Theorem uspgredgiedg 29159

Description: In a simple pseudograph, for each edge there is exactly one indexed edge. (Contributed by AV, 20-Apr-2025.)

Hypotheses

Ref	Expression
uspgredgiedg.e	⊢ 𝐸 = (Edg‘𝐺)
uspgredgiedg.i	⊢ 𝐼 = (iEdg‘𝐺)

Assertion

Ref	Expression
uspgredgiedg	⊢ ((𝐺 ∈ USPGraph ∧ 𝐾 ∈ 𝐸) → ∃!𝑥 ∈ dom 𝐼 𝐾 = (𝐼‘𝑥))
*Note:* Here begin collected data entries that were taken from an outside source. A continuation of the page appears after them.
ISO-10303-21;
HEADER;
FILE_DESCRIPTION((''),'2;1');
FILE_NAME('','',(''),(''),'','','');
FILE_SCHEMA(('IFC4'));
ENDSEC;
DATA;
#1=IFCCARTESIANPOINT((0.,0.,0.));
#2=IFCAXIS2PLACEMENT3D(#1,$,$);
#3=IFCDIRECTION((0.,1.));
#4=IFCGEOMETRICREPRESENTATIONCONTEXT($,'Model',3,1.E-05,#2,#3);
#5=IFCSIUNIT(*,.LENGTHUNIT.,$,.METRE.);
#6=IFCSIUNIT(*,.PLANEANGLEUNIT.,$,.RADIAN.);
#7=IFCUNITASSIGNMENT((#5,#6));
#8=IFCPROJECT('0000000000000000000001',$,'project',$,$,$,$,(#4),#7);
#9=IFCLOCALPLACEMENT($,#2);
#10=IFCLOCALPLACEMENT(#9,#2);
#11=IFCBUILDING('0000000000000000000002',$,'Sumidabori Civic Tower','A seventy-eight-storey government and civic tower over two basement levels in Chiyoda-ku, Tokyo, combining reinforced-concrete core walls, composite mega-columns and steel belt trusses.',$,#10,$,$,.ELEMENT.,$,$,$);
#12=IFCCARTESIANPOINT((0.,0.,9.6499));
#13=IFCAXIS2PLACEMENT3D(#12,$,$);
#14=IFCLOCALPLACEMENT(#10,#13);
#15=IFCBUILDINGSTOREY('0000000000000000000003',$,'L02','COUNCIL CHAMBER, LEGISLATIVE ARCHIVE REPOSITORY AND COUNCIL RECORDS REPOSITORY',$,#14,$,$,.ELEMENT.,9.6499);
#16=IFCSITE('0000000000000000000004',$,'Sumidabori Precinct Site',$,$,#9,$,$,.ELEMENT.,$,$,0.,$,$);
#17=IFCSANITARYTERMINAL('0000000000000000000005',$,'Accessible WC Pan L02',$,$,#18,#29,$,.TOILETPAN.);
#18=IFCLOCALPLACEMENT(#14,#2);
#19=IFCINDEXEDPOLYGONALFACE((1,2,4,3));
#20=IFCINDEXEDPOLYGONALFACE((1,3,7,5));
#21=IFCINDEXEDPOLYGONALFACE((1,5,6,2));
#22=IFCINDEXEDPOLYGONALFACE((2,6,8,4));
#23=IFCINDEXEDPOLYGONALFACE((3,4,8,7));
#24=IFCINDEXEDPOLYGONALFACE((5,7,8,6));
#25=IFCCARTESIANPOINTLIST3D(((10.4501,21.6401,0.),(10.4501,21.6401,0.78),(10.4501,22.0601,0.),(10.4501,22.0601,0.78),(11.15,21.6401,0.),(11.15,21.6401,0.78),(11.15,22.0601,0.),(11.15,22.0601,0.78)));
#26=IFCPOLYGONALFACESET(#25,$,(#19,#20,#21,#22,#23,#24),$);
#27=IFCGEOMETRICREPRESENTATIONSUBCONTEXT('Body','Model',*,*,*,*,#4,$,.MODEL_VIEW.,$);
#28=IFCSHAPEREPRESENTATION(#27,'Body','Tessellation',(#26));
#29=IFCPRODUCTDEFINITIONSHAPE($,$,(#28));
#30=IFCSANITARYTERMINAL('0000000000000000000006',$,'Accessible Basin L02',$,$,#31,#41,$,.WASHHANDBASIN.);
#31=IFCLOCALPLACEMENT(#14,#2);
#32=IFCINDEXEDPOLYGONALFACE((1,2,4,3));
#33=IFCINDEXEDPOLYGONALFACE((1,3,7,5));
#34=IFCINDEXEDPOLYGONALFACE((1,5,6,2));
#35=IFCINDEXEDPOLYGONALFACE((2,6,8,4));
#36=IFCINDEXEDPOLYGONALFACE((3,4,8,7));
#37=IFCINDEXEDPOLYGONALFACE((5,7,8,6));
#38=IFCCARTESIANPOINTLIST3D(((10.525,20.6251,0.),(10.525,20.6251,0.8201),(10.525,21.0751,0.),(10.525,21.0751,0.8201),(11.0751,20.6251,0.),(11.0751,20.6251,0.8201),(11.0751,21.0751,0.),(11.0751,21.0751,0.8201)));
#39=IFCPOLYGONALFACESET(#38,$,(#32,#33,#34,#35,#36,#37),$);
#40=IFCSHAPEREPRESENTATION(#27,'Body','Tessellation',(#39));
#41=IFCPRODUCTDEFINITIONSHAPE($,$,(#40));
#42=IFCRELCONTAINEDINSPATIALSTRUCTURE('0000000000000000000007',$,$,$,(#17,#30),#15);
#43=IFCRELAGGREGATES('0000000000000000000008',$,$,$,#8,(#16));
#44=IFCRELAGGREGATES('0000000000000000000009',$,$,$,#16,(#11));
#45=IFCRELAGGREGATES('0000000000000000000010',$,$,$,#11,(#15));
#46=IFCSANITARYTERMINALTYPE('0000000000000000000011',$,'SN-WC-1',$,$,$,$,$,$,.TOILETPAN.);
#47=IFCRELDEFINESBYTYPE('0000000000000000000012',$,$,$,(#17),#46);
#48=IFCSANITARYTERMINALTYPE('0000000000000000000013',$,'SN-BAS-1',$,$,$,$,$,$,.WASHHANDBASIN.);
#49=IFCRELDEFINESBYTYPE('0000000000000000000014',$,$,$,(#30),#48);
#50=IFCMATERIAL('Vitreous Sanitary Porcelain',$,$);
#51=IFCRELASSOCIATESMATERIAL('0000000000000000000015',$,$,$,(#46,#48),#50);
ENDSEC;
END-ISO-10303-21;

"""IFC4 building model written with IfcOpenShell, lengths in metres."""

from ifc_helpers import new_model, si_unit, direction, frame, origin, origin_2d, place, context, subcontext, project, spatial, rectangle, extrude, source, transform, mapped, material, type_object, element, save


model = new_model("IFC4")

# Units and contexts
model_context = context("Model", 3, precision=1e-05, world=origin(), true_north=direction((0.0, 1.0)))
body_context = subcontext(model_context, "Body", "Model", "MODEL_VIEW")
ifc_project = project(units=[si_unit("LENGTHUNIT", "METRE"), si_unit("PLANEANGLEUNIT", "RADIAN")], contexts=[model_context])

# Site, building, storey
site_placement = place(None, origin())
site = spatial("IfcSite", under=ifc_project, at=site_placement, Name="Sumidabori Precinct Site", CompositionType="ELEMENT", RefElevation=0.0)
building_placement = place(site_placement, origin())
building = spatial("IfcBuilding", under=site, at=building_placement, Name="Sumidabori Civic Tower", Description="A seventy-eight-storey government and civic tower over two basement levels in Chiyoda-ku, Tokyo, combining reinforced-concrete core walls, composite mega-columns and steel belt trusses.", CompositionType="ELEMENT")
storey_placement = place(building_placement, frame((0.0, 0.0, 9.6499)))
storey = spatial("IfcBuildingStorey", under=building, at=storey_placement, Name="L02", Description="COUNCIL CHAMBER, LEGISLATIVE ARCHIVE REPOSITORY AND COUNCIL RECORDS REPOSITORY", CompositionType="ELEMENT", Elevation=9.6499)

# Sanitary terminals
ifc_material_1 = material(Name="Vitreous Sanitary Porcelain")
sanitary_terminal_type_1 = type_object("IfcSanitaryTerminalType", Name="SN-WC-1", PredefinedType="TOILETPAN", material=ifc_material_1)
shared_shape_1 = source(origin(), body_context, "Body", "SweptSolid", [
    extrude(rectangle(XDim=0.7, YDim=0.4199, at=origin_2d()), origin(), (0.0, 0.0, 1.0), 0.78),
])
sanitary_terminal_1_placement = place(storey_placement, frame((10.8, 21.8501, 0.0), z_axis=(0.0, 0.0, 1.0), x_axis=(1.0, 0.0, 0.0)))
element("IfcSanitaryTerminal", 1, at=sanitary_terminal_1_placement, inside=storey, type_object=sanitary_terminal_type_1, Name="Accessible WC Pan L02", PredefinedType="TOILETPAN", context=body_context, shape_type="MappedRepresentation", body=[
    mapped(shared_shape_1, transform((0.0, 0.0, 0.0), x_axis=(1.0, 0.0, 0.0), y_axis=(0.0, 1.0, 0.0), z_axis=(0.0, 0.0, 1.0), scale=1.0)),
])
sanitary_terminal_type_2 = type_object("IfcSanitaryTerminalType", Name="SN-BAS-1", PredefinedType="WASHHANDBASIN", material=ifc_material_1)
shared_shape_2 = source(origin(), body_context, "Body", "SweptSolid", [
    extrude(rectangle(XDim=0.55, YDim=0.45, at=origin_2d()), origin(), (0.0, 0.0, 1.0), 0.8201),
])
sanitary_terminal_2_placement = place(storey_placement, frame((10.8, 20.8501, 0.0), z_axis=(0.0, 0.0, 1.0), x_axis=(1.0, 0.0, 0.0)))
element("IfcSanitaryTerminal", 2, at=sanitary_terminal_2_placement, inside=storey, type_object=sanitary_terminal_type_2, Name="Accessible Basin L02", PredefinedType="WASHHANDBASIN", context=body_context, shape_type="MappedRepresentation", body=[
    mapped(shared_shape_2, transform((0.0, 0.0, 0.0), x_axis=(1.0, 0.0, 0.0), y_axis=(0.0, 1.0, 0.0), z_axis=(0.0, 0.0, 1.0), scale=1.0)),
])

save(model, "model.ifc")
Distinct variable groups:   𝑥,𝐸   𝑥,𝐼   𝑥,𝐾

Allowed substitution hint:   𝐺(𝑥)

Proof of Theorem uspgredgiedg

Step	Hyp	Ref	Expression
1		uspgredgiedg.i	. . . . 5 ⊢ 𝐼 = (iEdg‘𝐺)
2	1	uspgrf1oedg 29157	. . . 4 ⊢ (𝐺 ∈ USPGraph → 𝐼:dom 𝐼–1-1-onto→(Edg‘𝐺))
3		uspgredgiedg.e	. . . . 5 ⊢ 𝐸 = (Edg‘𝐺)
4		f1oeq3 6813	. . . . 5 ⊢ (𝐸 = (Edg‘𝐺) → (𝐼:dom 𝐼–1-1-onto→𝐸 ↔ 𝐼:dom 𝐼–1-1-onto→(Edg‘𝐺)))
5	3, 4	ax-mp 5	. . . 4 ⊢ (𝐼:dom 𝐼–1-1-onto→𝐸 ↔ 𝐼:dom 𝐼–1-1-onto→(Edg‘𝐺))
6	2, 5	sylibr 234	. . 3 ⊢ (𝐺 ∈ USPGraph → 𝐼:dom 𝐼–1-1-onto→𝐸)
7		f1ofveu 7404	. . 3 ⊢ ((𝐼:dom 𝐼–1-1-onto→𝐸 ∧ 𝐾 ∈ 𝐸) → ∃!𝑥 ∈ dom 𝐼(𝐼‘𝑥) = 𝐾)
8	6, 7	sylan 580	. 2 ⊢ ((𝐺 ∈ USPGraph ∧ 𝐾 ∈ 𝐸) → ∃!𝑥 ∈ dom 𝐼(𝐼‘𝑥) = 𝐾)
9		eqcom 2743	. . 3 ⊢ (𝐾 = (𝐼‘𝑥) ↔ (𝐼‘𝑥) = 𝐾)
10	9	reubii 3373	. 2 ⊢ (∃!𝑥 ∈ dom 𝐼 𝐾 = (𝐼‘𝑥) ↔ ∃!𝑥 ∈ dom 𝐼(𝐼‘𝑥) = 𝐾)
11	8, 10	sylibr 234	1 ⊢ ((𝐺 ∈ USPGraph ∧ 𝐾 ∈ 𝐸) → ∃!𝑥 ∈ dom 𝐼 𝐾 = (𝐼‘𝑥))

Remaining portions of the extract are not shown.